Jan
2
Is 2013 the Year of Oil?
January 2, 2013 | 4 Comments
The free market of high oil prices for the past few years has made a Renaissance in this country for crude oil. With no help and lots of barriers and new expenses the oil industry has powered right on lifting the U.S. to producing nearly 7 million barrels a day and going over and more is looking like a sure thing.
The oil boom happened all on its own without government subsidies, and the oil and gas boom is the reason that things are going to get real tough for the alternative energy folks over the coming years as those government subsidies wind down. Those subsidies won’t make sense from an economic standpoint once oil prices come down, and from a government budget view we can no longer afford propping up industries that cannot sustain themselves on their own merit in the free market.
If that’s not enough, the impossible to comprehend Iranians have enough money to go ahead with their nuclear program and fund no less than 57 oil projects by June of this year. The idea of sanctions doesn’t seem to accomplish much other than make news.
Even more disconcerting to the peak oil folks is that Saudi Arabia’s Oil Minister has confirmed the discovery of new oil fields in the Tabuk region. This news has a long lead-time, but the news has it that there is lots of natural gas as well. The Madian Gas Field will be developed in 2013 to provide power plants with gas. Today reports have it that the Saudis burn a million barrels of oil to generate electricity – a model soon to stop that would put another million barrels per day on the open market.
On the significant but smaller list is Columbia who should clear the million barrel per day line, Angola is on a roll, and even tired, mired, corrupted and taxed near to exhaustion Mexico is looking up.
But the major players, the U.S. among them, are pouring on the investment and technology. Iraq is now OPEC’s second largest producer with reserves to rival Saudi Arabia. Venezuela has started producing from the rich Carabobo field.
It’s not just the U.S. push. While most of the technology and innovation comes from the U.S. lots of new investment is coming from the BRIC countries (Brazil, Russia, India, China) that are making money with their businesses. That means China with big stakes in Africa and Venezuela with an effort working in Canada at cross-purposes to U.S. interests even though the current U.S. administration doesn’t seem to get it. India also is dabbling in investment off its shores.

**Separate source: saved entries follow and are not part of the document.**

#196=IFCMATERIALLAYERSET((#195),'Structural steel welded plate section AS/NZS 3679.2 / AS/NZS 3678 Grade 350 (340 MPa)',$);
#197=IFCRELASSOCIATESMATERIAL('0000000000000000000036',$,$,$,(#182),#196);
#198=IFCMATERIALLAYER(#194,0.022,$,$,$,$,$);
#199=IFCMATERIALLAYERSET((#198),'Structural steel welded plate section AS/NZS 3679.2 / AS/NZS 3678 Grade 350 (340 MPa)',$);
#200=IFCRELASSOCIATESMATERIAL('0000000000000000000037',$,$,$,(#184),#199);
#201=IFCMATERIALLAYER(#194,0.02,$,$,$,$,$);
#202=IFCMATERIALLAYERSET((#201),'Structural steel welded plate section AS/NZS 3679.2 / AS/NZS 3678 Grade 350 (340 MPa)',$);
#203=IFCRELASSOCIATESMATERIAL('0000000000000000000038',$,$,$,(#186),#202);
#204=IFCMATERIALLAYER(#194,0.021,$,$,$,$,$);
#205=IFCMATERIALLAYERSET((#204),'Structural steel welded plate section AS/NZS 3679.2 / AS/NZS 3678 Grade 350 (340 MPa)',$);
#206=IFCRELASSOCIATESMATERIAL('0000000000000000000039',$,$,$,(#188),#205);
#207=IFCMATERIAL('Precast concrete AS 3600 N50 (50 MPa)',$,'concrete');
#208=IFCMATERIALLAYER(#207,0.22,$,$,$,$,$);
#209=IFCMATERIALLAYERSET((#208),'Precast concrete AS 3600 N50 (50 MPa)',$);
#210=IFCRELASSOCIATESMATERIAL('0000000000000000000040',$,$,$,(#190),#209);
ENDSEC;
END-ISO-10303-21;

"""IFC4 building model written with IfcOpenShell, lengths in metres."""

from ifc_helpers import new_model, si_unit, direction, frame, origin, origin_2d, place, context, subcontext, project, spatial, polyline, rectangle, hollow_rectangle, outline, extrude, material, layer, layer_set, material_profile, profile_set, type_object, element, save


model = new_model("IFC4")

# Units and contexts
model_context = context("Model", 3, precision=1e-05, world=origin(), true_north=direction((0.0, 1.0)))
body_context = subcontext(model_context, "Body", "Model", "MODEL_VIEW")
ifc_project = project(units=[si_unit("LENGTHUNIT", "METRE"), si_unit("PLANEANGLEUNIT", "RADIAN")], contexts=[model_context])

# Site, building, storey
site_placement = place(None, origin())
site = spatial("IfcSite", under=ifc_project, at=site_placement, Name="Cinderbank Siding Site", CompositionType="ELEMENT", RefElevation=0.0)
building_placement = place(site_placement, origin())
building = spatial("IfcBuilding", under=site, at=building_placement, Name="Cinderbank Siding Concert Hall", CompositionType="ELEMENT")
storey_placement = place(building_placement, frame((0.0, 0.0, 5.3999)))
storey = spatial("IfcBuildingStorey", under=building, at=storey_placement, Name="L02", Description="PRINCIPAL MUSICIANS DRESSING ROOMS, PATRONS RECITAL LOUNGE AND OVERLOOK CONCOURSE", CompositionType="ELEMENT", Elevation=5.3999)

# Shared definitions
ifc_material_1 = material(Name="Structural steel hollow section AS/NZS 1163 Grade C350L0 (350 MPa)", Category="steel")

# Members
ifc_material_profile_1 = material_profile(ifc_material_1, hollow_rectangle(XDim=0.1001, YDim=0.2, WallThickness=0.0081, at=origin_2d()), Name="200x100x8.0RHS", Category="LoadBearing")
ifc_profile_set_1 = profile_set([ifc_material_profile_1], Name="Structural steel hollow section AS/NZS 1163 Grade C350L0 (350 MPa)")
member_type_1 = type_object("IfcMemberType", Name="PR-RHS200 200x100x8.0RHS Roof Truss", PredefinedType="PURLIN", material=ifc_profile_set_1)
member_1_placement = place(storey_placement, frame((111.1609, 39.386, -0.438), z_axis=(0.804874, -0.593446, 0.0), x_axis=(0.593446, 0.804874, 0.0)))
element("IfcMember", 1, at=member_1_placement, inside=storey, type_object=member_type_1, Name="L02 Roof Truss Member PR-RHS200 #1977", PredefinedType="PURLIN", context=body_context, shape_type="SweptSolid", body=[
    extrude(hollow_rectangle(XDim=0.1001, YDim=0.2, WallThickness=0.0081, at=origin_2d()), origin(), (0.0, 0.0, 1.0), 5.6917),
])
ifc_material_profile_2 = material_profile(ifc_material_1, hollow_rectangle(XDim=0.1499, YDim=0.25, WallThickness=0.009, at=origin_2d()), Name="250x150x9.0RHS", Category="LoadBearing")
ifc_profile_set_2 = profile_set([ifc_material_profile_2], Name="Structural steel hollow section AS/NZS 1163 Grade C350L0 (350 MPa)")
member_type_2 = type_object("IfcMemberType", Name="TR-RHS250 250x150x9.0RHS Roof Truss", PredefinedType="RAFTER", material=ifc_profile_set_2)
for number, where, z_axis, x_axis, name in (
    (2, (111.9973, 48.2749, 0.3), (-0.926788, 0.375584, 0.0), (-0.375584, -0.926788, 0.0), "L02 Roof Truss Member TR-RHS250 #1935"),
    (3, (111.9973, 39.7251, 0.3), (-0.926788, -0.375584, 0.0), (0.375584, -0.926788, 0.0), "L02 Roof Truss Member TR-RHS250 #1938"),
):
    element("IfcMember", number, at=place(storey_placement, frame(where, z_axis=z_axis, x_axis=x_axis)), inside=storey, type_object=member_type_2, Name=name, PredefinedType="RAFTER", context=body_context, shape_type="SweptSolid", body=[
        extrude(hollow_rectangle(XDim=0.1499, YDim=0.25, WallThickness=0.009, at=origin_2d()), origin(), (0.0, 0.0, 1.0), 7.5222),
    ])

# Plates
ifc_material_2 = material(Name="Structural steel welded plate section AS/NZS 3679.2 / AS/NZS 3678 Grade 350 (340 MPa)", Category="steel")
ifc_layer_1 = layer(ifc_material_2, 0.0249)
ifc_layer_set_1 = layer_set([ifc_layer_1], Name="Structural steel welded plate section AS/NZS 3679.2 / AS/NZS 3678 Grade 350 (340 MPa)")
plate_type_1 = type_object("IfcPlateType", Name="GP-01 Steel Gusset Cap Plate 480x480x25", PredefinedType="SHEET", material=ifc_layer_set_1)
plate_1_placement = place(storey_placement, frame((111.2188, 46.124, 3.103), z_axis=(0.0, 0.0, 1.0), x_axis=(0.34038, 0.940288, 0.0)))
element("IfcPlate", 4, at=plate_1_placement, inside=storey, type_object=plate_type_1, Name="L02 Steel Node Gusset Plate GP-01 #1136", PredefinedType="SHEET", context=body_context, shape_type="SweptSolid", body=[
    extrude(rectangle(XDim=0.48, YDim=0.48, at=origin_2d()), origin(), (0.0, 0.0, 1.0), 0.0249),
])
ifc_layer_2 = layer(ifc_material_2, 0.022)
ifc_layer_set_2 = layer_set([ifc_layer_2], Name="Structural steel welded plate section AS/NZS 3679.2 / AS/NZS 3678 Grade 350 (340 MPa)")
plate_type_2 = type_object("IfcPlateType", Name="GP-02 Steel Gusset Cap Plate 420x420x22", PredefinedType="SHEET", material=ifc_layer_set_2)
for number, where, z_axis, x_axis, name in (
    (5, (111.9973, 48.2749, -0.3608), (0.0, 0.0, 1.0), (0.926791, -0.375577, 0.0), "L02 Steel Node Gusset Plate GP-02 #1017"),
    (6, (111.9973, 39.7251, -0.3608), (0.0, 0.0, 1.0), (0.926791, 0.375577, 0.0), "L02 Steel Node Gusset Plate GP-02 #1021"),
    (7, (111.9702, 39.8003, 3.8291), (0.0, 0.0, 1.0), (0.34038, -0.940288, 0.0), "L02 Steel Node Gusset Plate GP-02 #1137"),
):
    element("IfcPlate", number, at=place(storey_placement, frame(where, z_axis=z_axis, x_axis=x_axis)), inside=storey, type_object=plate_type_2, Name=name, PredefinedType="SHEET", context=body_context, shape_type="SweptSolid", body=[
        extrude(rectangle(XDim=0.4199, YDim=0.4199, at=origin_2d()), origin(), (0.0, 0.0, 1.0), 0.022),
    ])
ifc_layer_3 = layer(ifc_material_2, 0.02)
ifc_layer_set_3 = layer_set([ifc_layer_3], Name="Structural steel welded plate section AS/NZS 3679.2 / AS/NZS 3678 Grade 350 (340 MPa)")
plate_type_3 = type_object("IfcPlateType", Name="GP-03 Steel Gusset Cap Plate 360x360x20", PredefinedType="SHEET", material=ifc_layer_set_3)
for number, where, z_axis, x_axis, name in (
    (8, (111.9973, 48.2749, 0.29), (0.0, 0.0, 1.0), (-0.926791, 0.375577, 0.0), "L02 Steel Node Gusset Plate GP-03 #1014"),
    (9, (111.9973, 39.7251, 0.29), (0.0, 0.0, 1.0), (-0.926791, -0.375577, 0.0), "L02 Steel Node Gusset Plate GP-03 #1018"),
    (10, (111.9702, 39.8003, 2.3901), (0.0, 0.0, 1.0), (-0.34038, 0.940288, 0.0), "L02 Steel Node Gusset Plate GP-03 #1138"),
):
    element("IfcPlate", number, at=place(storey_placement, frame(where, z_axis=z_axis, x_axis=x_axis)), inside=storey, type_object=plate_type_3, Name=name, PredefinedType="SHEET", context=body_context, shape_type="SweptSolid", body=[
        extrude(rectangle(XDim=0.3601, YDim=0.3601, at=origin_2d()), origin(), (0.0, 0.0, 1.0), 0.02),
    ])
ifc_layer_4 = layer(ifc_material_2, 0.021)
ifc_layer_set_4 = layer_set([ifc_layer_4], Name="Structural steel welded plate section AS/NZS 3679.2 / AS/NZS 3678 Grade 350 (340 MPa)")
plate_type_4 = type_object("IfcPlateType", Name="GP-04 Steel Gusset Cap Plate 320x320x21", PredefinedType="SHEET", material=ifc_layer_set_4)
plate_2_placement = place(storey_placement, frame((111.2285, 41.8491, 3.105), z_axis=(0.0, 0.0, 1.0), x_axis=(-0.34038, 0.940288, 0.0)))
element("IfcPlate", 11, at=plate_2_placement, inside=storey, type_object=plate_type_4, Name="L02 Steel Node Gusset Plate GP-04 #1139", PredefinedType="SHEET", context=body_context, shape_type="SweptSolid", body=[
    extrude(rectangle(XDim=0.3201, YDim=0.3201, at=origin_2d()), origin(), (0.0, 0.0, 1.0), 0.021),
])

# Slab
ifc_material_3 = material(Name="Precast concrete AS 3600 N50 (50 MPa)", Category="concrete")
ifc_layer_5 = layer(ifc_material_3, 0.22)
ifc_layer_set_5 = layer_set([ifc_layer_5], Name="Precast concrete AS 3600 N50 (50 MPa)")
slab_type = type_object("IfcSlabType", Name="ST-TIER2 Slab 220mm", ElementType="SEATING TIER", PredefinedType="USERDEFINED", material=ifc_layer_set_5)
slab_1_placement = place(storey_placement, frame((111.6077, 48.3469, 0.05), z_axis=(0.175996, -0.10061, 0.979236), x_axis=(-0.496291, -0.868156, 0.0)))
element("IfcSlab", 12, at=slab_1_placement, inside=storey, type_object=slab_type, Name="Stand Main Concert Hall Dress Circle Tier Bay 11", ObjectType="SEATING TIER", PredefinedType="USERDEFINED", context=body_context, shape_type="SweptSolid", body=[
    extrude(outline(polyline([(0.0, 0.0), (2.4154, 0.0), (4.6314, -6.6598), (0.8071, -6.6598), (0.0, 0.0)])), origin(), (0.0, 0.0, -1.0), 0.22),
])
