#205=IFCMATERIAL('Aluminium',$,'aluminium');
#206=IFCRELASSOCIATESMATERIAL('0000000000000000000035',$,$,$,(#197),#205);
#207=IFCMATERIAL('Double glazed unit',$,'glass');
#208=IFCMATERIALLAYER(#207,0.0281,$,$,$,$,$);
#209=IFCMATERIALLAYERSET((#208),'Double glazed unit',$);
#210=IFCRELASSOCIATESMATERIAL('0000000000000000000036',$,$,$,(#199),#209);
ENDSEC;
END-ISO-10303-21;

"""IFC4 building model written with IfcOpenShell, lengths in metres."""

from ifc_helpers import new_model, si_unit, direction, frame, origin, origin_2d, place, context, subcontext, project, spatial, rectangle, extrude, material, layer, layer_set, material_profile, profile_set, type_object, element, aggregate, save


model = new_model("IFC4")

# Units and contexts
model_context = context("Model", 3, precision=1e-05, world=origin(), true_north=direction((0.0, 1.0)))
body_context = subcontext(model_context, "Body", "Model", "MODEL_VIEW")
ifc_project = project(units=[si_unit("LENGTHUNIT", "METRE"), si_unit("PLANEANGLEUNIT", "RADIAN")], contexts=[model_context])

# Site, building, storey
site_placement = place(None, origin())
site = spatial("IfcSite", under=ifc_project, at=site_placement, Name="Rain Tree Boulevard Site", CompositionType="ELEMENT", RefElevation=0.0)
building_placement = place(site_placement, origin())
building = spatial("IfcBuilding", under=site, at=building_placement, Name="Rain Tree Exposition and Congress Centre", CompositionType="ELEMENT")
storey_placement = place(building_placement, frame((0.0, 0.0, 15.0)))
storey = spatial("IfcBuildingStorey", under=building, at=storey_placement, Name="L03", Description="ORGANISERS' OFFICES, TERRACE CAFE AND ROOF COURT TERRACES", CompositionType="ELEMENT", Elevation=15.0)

But the Big News is Brazil where not only is capital and credible partnerships getting organized, there seems to be a huge regional sized oil field close offshore.
That leaves Russia. This is a government that can’t get it right. With oil and gas resources near the top of everyone’s lists, the economic model that’s developed since the Soviet Union fell apart has trapped the oil and gas resources into oligarchies or really government control.
Investment has floundered, capital has been squandered and the ethics needed to participate both on sharing development technology as well as with treating the customers decently is a slow moving disaster. Now more than twenty years on from the Soviet collapse the Russian people are just as vulnerable to authoritarian mismanagement. Putin has managed without intending to be the key for oil prices while simultaneously facing a government and population dependent on oil production and high prices.
Other than the Russian problem consumers worldwide can expect some relief. The U.S. administration, government run oil businesses and peak oilers, climate change hysteria and adversarial mass media have been conquered by small, medium and large free world oil companies.
It took a while, but the fruits of freedom, free enterprise and free markets are winning. 2013 will be a year of oil and gas.
Comments
4 Comments so far
much of the revolution in American oil production technology was the result of U.S.government research-
Wiki… is giving George Mitchell and his six million dollar investment in getting gas out of shale the credit.
Excellent post.
Sad to think how cheap oil would be if not controlled by Saudi Arabia, Ian, Iraq, Nigeria, Mexico, Venezuela, Russia, Libya etc etc etc.
But it is.
Still, $80 is well high enough to spur abundant new supplies. And tamp down consumption.
Look for long run of oil getting cheaper.
We as Nomabusy organisation would like to get into oil business. How possible it is.